Amendment No. 235 inserts three new subsections into clause 130. It clarifies the position on taking proceedings against unincorporated bodies under the Bill. The amendment provides for the procedural provisions that already apply to the prosecution of corporate bodies to apply to the prosecution of unincorporated bodies. The second new subsection provides for any fine imposed on an unincorporated body on its conviction for an offence under the Bill to be paid from the funds of the body, rather than from the funds of its individual members.

Amendment No. 237 inserts another new subsection into clause 130. It makes specific provision in respect of partnerships, which are a type of unincorporated body. The amendment provides that if an offence is committed by a partnership and it can be proved that it has been committed with the consent or connivance of a particular partner, or that it is attributable to the neglect of a particular partner, that partner as well as the partnership is guilty of an offence. That aligns the provisions on partnerships with the provisions already included in the clause on bodies corporate and unincorporated bodies more generally, and makes the potential criminal liability of a partner clear.

Tim Loughton

I thank the Minister for her clear explanation of the three Government amendments.

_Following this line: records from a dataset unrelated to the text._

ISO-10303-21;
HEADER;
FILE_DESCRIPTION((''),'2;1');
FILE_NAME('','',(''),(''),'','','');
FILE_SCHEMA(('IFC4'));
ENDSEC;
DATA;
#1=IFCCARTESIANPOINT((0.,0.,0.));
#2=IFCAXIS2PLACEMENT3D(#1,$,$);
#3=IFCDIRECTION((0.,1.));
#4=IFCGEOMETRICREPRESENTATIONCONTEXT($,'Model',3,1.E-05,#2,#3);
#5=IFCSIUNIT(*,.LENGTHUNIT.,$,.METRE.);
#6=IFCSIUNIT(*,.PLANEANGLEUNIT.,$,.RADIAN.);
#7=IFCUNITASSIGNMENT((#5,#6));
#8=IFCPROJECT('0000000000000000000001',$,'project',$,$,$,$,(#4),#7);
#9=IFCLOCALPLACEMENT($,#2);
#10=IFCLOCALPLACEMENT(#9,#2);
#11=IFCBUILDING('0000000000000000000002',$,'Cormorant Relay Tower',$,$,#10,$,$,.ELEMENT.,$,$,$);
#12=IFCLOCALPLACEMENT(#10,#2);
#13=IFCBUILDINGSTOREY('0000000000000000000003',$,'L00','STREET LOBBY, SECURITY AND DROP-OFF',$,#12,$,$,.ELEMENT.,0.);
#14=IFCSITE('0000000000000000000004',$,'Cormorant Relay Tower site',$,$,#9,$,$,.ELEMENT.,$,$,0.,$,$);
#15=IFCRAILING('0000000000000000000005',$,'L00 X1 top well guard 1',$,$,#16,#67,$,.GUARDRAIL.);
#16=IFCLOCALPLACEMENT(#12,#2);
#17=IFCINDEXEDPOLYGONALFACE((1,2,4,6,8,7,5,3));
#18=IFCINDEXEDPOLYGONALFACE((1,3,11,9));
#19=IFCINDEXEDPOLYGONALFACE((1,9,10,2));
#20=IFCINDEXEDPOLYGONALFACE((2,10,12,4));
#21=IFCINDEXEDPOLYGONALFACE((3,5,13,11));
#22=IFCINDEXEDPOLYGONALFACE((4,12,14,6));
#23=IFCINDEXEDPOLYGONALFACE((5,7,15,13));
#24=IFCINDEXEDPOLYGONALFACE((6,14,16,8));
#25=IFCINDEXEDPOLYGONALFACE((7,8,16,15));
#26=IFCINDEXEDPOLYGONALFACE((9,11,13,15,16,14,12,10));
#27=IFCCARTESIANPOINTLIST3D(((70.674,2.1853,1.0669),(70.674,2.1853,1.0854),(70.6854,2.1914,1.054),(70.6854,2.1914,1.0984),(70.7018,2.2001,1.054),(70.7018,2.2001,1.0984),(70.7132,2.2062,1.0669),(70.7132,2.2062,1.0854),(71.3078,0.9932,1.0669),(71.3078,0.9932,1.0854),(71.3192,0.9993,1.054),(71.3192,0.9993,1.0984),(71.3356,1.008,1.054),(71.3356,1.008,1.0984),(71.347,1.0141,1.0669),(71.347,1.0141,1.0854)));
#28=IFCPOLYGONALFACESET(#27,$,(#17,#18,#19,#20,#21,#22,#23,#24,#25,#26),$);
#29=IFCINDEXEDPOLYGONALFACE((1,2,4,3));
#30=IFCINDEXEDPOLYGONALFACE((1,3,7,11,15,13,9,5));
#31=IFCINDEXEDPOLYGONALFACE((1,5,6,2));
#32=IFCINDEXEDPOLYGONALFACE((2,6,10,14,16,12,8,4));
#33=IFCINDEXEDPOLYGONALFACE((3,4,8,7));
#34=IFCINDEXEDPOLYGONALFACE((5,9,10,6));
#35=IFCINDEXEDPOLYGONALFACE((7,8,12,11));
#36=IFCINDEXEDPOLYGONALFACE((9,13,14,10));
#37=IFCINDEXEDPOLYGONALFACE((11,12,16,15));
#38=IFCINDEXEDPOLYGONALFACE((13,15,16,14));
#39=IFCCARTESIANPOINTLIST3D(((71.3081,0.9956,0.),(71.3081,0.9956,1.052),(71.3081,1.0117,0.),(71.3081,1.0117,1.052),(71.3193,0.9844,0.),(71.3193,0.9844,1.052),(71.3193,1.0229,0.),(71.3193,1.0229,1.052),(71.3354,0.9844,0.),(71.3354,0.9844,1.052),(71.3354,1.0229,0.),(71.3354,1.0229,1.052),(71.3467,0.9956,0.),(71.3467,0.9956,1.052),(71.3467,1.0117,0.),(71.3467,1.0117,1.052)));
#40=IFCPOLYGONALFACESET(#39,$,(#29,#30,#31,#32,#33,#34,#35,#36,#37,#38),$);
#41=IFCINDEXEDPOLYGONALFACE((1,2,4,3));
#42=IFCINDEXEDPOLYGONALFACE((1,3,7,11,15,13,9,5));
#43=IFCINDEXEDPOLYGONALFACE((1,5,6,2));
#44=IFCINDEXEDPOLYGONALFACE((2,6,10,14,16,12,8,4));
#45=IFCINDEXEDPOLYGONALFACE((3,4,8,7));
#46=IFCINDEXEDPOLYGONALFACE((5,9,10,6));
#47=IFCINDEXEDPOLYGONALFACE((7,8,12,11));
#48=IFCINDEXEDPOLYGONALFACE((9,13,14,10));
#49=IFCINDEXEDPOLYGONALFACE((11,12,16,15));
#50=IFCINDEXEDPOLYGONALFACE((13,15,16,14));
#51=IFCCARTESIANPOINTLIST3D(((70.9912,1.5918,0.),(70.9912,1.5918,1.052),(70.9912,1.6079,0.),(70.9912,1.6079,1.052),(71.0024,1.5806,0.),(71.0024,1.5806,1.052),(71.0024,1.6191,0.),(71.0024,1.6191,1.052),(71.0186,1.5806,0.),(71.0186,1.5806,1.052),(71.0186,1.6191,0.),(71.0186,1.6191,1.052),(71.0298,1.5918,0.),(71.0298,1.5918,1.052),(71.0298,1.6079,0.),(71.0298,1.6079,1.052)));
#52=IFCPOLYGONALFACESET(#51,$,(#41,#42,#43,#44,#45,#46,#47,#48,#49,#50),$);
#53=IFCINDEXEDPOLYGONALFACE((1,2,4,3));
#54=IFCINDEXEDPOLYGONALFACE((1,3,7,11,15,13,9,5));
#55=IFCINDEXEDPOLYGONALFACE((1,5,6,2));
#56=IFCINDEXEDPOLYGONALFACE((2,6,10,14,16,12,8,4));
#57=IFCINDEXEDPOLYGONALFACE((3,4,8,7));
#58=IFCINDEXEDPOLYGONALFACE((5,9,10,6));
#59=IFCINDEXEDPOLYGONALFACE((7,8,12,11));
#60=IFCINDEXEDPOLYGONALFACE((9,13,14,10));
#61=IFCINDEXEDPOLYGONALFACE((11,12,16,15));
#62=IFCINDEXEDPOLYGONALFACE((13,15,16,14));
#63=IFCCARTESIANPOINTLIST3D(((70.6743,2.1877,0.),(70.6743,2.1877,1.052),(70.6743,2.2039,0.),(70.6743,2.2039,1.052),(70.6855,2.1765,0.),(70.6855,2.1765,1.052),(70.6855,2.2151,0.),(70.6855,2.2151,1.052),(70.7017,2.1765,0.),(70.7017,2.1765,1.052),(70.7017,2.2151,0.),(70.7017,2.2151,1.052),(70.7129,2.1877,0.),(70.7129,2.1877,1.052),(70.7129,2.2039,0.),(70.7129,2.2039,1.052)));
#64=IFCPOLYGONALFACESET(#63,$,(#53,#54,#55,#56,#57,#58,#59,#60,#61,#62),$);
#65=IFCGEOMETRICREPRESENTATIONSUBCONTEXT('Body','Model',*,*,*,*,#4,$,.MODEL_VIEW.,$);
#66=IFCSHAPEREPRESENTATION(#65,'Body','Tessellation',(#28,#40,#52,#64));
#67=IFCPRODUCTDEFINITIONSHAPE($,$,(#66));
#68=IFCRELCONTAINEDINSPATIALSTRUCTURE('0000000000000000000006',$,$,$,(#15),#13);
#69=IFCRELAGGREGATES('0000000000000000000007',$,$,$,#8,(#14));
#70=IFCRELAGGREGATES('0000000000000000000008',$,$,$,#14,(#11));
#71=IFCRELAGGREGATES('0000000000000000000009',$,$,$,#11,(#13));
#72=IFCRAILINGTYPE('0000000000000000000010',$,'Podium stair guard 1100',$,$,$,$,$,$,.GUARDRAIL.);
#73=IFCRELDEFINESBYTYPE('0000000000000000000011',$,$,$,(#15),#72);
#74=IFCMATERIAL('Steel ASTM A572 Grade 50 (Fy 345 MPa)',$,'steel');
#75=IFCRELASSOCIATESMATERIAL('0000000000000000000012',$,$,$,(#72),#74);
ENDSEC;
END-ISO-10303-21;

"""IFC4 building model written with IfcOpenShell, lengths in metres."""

from ifc_helpers import new_model, si_unit, direction, frame, origin, place, context, subcontext, project, spatial, polyline, outline, extrude, material, type_object, element, save


model = new_model("IFC4")

# Units and contexts
model_context = context("Model", 3, precision=1e-05, world=origin(), true_north=direction((0.0, 1.0)))
body_context = subcontext(model_context, "Body", "Model", "MODEL_VIEW")
ifc_project = project(units=[si_unit("LENGTHUNIT", "METRE"), si_unit("PLANEANGLEUNIT", "RADIAN")], contexts=[model_context])

# Site, building, storey
site_placement = place(None, origin())
site = spatial("IfcSite", under=ifc_project, at=site_placement, Name="Cormorant Relay Tower site", CompositionType="ELEMENT", RefElevation=0.0)
building_placement = place(site_placement, origin())
building = spatial("IfcBuilding", under=site, at=building_placement, Name="Cormorant Relay Tower", CompositionType="ELEMENT")
storey_placement = place(building_placement, origin())
storey = spatial("IfcBuildingStorey", under=building, at=storey_placement, Name="L00", Description="STREET LOBBY, SECURITY AND DROP-OFF", CompositionType="ELEMENT", Elevation=0.0)

# Railing
ifc_material_1 = material(Name="Steel ASTM A572 Grade 50 (Fy 345 MPa)", Category="steel")
railing_type = type_object("IfcRailingType", Name="Podium stair guard 1100", PredefinedType="GUARDRAIL", material=ifc_material_1)
railing_placement = place(storey_placement, frame((71.3274, 1.0037, 0.0)))
element("IfcRailing", 1, at=railing_placement, inside=storey, type_object=railing_type, Name="L00 X1 top well guard 1", PredefinedType="GUARDRAIL", context=body_context, shape_type="SweptSolid", body=[
    extrude(outline(polyline([(0.0222, 0.0093), (0.0093, 0.0222), (-0.0093, 0.0222), (-0.0222, 0.0093), (-0.0222, -0.0093), (-0.0093, -0.0222), (0.0093, -0.0222), (0.0222, -0.0093), (0.0222, 0.0093)])), frame((0.0, 0.0, 1.0762), z_axis=(-0.469424, 0.882973, 0.0), x_axis=(-0.882973, -0.469424, 0.0)), (0.0, 0.0, 1.0), 1.3501),
    extrude(outline(polyline([(0.0193, 0.0081), (0.0081, 0.0193), (-0.0081, 0.0193), (-0.0193, 0.0081), (-0.0193, -0.0081), (-0.0081, -0.0193), (0.0081, -0.0193), (0.0193, -0.0081), (0.0193, 0.0081)])), origin(), (0.0, 0.0, 1.0), 1.052),
    extrude(outline(polyline([(0.0193, 0.0081), (0.0081, 0.0193), (-0.0081, 0.0193), (-0.0193, 0.0081), (-0.0193, -0.0081), (-0.0081, -0.0193), (0.0081, -0.0193), (0.0193, -0.0081), (0.0193, 0.0081)])), frame((-0.3169, 0.5962, 0.0)), (0.0, 0.0, 1.0), 1.052),
    extrude(outline(polyline([(0.0193, 0.0081), (0.0081, 0.0193), (-0.0081, 0.0193), (-0.0193, 0.0081), (-0.0193, -0.0081), (-0.0081, -0.0193), (0.0081, -0.0193), (0.0193, -0.0081), (0.0193, 0.0081)])), frame((-0.6338, 1.1921, 0.0)), (0.0, 0.0, 1.0), 1.052),
])

save(model, "model.ifc")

I said earlier that we were potentially sympathetic to amendment No. 130. I feel even more sympathetic to it after hearing it explained by the hon. Member for Lancaster and Wyre (Mr. Dawson). We discussed the issue in Committee, in the context of another part of the Bill. It was generally felt then that information should be made readily available at various stages of the adoption process through various court procedures. Given the emotional state in which people may be when giving up children for adoption, it is even more incumbent on the system to give them every opportunity to participate, to know what they are entitled to, and to be satisfied that the procedures are taking place in accordance with the law and in a fair and balanced way.

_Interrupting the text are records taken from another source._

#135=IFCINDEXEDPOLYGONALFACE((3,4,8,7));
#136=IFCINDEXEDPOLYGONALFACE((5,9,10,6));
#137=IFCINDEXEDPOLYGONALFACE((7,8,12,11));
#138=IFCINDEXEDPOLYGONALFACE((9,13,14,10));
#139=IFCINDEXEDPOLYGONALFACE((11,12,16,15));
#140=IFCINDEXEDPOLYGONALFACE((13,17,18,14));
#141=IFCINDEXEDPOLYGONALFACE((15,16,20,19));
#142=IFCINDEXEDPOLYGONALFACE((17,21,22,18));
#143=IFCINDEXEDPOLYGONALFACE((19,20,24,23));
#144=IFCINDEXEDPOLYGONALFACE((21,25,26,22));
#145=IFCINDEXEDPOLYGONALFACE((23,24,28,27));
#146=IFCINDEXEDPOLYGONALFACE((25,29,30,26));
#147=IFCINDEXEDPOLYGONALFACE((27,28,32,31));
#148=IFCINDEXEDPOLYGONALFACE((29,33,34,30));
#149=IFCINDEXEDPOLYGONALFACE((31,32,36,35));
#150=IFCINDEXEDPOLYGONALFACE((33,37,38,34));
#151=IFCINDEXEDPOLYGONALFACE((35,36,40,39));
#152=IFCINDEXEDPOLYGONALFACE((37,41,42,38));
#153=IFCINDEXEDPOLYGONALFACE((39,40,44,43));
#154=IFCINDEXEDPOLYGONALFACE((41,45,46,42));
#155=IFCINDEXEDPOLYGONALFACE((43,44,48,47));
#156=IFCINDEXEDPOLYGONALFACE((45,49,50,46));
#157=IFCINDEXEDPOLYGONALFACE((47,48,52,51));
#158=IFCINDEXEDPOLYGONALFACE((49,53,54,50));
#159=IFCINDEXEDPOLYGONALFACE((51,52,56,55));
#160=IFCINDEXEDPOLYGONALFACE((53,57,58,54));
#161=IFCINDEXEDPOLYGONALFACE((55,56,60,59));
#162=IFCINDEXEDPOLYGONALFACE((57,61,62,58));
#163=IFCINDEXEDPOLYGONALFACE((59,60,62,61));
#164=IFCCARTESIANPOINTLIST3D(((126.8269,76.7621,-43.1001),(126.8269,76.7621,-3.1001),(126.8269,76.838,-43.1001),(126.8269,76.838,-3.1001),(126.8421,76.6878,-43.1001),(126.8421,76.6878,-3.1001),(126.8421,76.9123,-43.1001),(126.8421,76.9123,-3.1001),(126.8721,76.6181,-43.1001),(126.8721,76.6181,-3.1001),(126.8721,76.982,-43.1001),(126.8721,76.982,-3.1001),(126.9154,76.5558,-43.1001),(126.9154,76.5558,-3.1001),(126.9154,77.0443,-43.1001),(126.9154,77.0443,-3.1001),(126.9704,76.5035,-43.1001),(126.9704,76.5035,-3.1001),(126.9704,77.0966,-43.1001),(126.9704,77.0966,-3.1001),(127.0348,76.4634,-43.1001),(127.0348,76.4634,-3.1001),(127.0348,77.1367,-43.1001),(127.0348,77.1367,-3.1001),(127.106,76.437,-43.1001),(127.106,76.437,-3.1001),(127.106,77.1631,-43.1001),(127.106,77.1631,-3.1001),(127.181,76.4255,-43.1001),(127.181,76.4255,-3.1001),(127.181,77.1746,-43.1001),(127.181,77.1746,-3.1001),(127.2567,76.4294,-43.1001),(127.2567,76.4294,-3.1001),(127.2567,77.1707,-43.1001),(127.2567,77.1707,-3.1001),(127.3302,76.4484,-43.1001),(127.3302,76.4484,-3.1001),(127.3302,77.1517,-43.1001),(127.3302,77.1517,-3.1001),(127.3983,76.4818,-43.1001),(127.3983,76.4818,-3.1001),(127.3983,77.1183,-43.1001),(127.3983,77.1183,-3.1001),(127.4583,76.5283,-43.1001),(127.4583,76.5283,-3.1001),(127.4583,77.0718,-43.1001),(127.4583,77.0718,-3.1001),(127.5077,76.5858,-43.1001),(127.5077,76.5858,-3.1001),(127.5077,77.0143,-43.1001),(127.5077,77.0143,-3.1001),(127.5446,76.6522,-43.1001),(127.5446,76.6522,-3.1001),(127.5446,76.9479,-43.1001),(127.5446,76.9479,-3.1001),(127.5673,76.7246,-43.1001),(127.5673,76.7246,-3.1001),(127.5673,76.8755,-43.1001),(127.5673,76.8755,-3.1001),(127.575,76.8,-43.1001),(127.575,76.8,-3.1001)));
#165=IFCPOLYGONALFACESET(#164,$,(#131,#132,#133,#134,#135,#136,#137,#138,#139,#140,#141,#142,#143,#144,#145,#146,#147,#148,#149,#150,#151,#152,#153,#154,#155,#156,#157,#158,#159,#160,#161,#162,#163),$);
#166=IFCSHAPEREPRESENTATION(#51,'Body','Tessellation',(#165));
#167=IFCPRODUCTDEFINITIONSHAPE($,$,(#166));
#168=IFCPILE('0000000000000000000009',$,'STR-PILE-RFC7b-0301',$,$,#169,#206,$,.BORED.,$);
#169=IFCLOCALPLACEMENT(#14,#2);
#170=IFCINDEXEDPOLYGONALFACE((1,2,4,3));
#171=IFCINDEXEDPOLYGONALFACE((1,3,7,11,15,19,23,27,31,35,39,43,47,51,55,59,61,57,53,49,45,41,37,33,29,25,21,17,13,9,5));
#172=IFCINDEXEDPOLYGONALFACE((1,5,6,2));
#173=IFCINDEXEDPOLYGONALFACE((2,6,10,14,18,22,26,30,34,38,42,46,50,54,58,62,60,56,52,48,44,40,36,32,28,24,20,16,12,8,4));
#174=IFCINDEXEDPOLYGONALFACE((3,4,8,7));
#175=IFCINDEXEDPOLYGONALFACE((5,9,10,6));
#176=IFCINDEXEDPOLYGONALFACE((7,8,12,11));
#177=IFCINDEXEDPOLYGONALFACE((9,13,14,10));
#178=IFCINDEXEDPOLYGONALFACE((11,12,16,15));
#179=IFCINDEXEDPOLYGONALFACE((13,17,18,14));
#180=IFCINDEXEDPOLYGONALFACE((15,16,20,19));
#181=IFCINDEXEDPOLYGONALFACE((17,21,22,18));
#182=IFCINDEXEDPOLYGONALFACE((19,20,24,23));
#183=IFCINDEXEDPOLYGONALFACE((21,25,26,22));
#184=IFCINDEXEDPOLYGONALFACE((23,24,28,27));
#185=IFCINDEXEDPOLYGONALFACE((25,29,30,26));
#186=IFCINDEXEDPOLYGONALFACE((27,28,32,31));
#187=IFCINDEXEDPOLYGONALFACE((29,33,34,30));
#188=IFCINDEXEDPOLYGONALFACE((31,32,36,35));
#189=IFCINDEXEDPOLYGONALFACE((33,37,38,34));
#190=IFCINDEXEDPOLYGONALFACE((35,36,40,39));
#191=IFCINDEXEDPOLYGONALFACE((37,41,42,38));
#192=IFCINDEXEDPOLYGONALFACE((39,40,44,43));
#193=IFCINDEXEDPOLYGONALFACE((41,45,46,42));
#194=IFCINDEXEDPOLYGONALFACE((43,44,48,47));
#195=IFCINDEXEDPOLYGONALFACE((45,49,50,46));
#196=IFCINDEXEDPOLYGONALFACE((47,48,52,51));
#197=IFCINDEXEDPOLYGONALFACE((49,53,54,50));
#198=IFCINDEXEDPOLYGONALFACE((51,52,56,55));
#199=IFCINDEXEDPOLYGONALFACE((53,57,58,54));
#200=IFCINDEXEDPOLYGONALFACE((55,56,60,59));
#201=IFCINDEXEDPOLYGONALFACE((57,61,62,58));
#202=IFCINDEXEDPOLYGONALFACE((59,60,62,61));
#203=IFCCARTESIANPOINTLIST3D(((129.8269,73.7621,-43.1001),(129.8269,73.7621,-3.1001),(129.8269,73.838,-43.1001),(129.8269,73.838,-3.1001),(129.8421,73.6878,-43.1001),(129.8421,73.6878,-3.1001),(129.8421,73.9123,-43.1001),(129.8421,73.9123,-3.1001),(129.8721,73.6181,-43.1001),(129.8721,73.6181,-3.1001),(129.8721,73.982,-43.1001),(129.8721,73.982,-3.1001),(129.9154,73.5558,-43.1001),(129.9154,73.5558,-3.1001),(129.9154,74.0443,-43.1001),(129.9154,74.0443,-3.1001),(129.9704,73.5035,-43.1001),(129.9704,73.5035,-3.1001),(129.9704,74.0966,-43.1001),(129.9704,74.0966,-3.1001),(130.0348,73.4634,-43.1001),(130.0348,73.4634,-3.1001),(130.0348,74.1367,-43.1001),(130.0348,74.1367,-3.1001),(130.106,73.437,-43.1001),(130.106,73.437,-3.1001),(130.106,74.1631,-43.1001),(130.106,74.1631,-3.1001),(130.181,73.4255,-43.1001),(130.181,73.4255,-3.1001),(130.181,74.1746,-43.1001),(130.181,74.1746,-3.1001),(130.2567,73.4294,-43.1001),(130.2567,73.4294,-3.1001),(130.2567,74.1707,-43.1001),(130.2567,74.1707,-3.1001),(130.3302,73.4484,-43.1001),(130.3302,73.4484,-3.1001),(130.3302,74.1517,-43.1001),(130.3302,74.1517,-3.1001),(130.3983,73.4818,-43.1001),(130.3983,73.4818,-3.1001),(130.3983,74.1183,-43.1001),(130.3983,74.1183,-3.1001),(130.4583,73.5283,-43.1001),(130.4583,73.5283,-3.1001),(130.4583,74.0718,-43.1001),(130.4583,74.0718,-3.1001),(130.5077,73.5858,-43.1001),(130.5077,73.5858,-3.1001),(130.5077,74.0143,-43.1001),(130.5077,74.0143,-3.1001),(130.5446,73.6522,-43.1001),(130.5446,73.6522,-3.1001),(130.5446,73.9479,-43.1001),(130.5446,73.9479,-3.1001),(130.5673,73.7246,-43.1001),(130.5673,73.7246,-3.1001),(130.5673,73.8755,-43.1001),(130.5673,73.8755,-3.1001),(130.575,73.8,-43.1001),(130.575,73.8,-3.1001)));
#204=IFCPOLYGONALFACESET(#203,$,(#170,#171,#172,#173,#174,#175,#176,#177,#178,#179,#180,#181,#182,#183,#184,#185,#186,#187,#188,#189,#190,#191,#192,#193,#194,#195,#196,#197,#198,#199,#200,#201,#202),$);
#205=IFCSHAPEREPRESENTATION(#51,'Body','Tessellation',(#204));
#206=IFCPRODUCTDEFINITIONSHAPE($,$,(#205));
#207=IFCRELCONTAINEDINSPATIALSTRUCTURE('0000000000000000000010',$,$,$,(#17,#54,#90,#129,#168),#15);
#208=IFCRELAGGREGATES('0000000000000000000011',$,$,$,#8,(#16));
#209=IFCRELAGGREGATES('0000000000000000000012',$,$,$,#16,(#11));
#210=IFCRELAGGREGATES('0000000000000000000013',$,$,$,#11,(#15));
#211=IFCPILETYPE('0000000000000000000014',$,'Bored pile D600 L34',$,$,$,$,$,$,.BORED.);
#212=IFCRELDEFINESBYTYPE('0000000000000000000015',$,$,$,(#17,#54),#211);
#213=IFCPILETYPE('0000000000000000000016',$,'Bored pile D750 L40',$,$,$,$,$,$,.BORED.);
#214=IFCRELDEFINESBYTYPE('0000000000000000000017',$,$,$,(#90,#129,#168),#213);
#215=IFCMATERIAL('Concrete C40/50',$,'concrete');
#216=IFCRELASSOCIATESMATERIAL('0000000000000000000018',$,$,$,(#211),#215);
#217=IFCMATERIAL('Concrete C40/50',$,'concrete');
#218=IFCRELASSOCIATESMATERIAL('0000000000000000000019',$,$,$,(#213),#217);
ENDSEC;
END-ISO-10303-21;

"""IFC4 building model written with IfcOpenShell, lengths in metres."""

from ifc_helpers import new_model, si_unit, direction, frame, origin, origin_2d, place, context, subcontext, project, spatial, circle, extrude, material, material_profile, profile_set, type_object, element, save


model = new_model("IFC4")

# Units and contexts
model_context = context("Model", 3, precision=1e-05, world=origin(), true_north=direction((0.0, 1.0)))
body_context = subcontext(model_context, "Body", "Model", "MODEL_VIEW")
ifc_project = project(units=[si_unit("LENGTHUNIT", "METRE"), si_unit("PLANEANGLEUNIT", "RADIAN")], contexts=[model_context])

I have no doubt that, as the Minister said, what is already in the Bill makes that legally implicit, as she put it, because notice is given. The Minister also said that the Bill set out minimum requirements for court rules, rather than a requirement for the full explanation that would eventually be on offer. I do not disagree, but, as I have said, we are talking about people who are fairly vulnerable emotionally. If I were involved in an adoption process and received notification from the court that unless I wished or was required to attend I need not do so, I would take that almost as an invitation not to turn up. It would, I think, be more positive and more sensitive to put this more clearly and fairly, and say that a person is entitled to turn up and entitled to speak if he or she sees fit. That, I believe, is the intention of the amendment.

The hon. Member for Lancaster and Wyre pitched it fairly high, saying that this was a fundamental human right. It is certainly a fundamental human right for people to be fully involved in the process, but I think it only fair and sensible—in order to achieve an equitable result that everyone will accept long after the matter has passed through all the necessary court stages—to make clear to people exactly what they can do, and are entitled to do. That is all that the amendment proposes.

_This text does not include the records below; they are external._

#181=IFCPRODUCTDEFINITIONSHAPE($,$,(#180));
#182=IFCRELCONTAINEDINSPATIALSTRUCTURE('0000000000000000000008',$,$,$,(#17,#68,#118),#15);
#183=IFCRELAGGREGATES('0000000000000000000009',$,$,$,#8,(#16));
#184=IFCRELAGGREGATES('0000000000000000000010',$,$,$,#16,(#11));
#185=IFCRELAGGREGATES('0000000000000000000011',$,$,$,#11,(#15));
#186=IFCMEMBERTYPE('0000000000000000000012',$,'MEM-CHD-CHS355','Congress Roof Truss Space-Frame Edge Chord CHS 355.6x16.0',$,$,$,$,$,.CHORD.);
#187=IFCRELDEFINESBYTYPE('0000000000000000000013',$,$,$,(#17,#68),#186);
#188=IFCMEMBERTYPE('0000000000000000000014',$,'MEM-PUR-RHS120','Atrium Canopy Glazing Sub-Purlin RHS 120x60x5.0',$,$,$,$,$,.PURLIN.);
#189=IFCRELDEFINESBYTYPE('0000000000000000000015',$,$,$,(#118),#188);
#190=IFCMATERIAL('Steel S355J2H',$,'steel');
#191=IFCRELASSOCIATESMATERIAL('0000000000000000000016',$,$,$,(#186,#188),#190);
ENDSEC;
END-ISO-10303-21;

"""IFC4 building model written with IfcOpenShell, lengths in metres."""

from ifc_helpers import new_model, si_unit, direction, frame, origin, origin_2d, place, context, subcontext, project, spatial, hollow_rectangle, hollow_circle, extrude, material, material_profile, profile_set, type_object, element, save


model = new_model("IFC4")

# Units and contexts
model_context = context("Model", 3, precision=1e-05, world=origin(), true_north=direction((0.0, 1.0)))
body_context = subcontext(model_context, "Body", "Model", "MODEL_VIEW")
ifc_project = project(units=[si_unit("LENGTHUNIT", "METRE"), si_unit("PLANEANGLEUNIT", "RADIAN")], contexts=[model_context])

I doubt whether the hon. Gentleman wants to press the amendment to a vote, but I wanted to reinforce its aims in the hope that the Minister would beef up the directions given to courts when their rules were being established, rather than treating the requirement as a minimum requirement and letting it slip through as such. I think there is a world of difference between being negative and being positive—encouraging people and telling them their rights.

Madam Deputy Speaker (Sylvia Heal)

I remind Members that we are not in Committee. I was perhaps rather generous in allowing the hon. Member for East Worthing and Shoreham (Tim Loughton) to speak again.

Question put and agreed to.

Clause read a Second time, and added to the Bill.